For so long I’ve been told that it’s just me, it’s just who I am, it’s all to be expected because
and the ever present EDS
that it kind of seems unreal that there is actually a reason for the way I’ve been feeling, for all of 2016. When you’re told something so often, you actually start believing it. The fact that there was a reason for everything I’d been experiencing seemed more unreal than the fact that it is not normal to be completely exhausted, permanently tired, in pain, forgetful and confused, cold and covered in hives. Kids, work and laziness don’t cause those things. Ehlers Danlos Syndrome does cause some of those things. But I’ve had that all my life, and I know – I knew, I think? – what is normal for me and EDS, and what’s not. Just because you already have one chronic illness, it doesn’t mean you can’t have another. The slow and gradual onset of symptoms and the constant explaining-away has meant that there is such a gap between the before and the now, that life without an underactive thyroid feels like it never even existed at all.
So I stared at that one tiny white pill and I imagined myself lying there on the floor, shaking and sweating, tight bands of pain racing around my skull, as ‘they’ said ‘I told you so, it’s just because you’re you.
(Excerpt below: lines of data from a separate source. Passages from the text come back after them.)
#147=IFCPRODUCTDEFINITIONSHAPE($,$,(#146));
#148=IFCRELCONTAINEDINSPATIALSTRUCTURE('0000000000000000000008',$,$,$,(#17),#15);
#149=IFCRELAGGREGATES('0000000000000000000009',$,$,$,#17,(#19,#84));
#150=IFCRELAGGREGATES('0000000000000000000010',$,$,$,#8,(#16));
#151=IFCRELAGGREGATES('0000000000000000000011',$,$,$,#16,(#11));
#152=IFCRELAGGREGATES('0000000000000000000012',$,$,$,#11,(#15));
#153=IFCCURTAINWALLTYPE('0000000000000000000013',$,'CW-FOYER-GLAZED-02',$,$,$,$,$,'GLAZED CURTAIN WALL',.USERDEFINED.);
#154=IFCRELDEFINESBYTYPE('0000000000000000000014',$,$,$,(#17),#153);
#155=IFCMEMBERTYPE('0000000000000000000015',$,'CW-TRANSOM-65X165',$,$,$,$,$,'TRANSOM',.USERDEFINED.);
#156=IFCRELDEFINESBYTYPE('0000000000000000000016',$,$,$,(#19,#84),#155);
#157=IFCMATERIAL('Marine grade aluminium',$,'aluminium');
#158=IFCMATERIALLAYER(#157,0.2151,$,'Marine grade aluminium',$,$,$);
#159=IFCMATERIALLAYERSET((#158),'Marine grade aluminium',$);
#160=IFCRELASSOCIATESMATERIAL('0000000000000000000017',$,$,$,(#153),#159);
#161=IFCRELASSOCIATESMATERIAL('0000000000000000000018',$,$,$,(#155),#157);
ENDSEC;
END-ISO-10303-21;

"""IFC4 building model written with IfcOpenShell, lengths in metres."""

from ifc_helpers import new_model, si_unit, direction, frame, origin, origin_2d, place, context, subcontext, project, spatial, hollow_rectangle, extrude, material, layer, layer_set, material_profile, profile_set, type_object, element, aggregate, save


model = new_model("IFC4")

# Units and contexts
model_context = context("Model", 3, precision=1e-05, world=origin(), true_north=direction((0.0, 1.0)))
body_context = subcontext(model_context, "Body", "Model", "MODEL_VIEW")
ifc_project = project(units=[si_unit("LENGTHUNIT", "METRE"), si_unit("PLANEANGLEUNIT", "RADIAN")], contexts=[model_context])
You don’t need that thyroxine after all’.
I stared at that tiny white pill, and imagined a life sentence of reliance on prescriptions and pharmacy visits, keeping me back to whatever ‘normal’ actually is.
It’s been so long, I don’t even remember what ‘normal’ feels like.
But in the end (after two days of staring) I took that tiny white pill and slipped it into my mouth. I admitted to myself that perhaps ‘they’ weren’t right all along, after all. (And then I sat and waited for the headaches, the sweating and the shakes to begin).
I took that tiny white pill, and I started the first day of the rest of my life.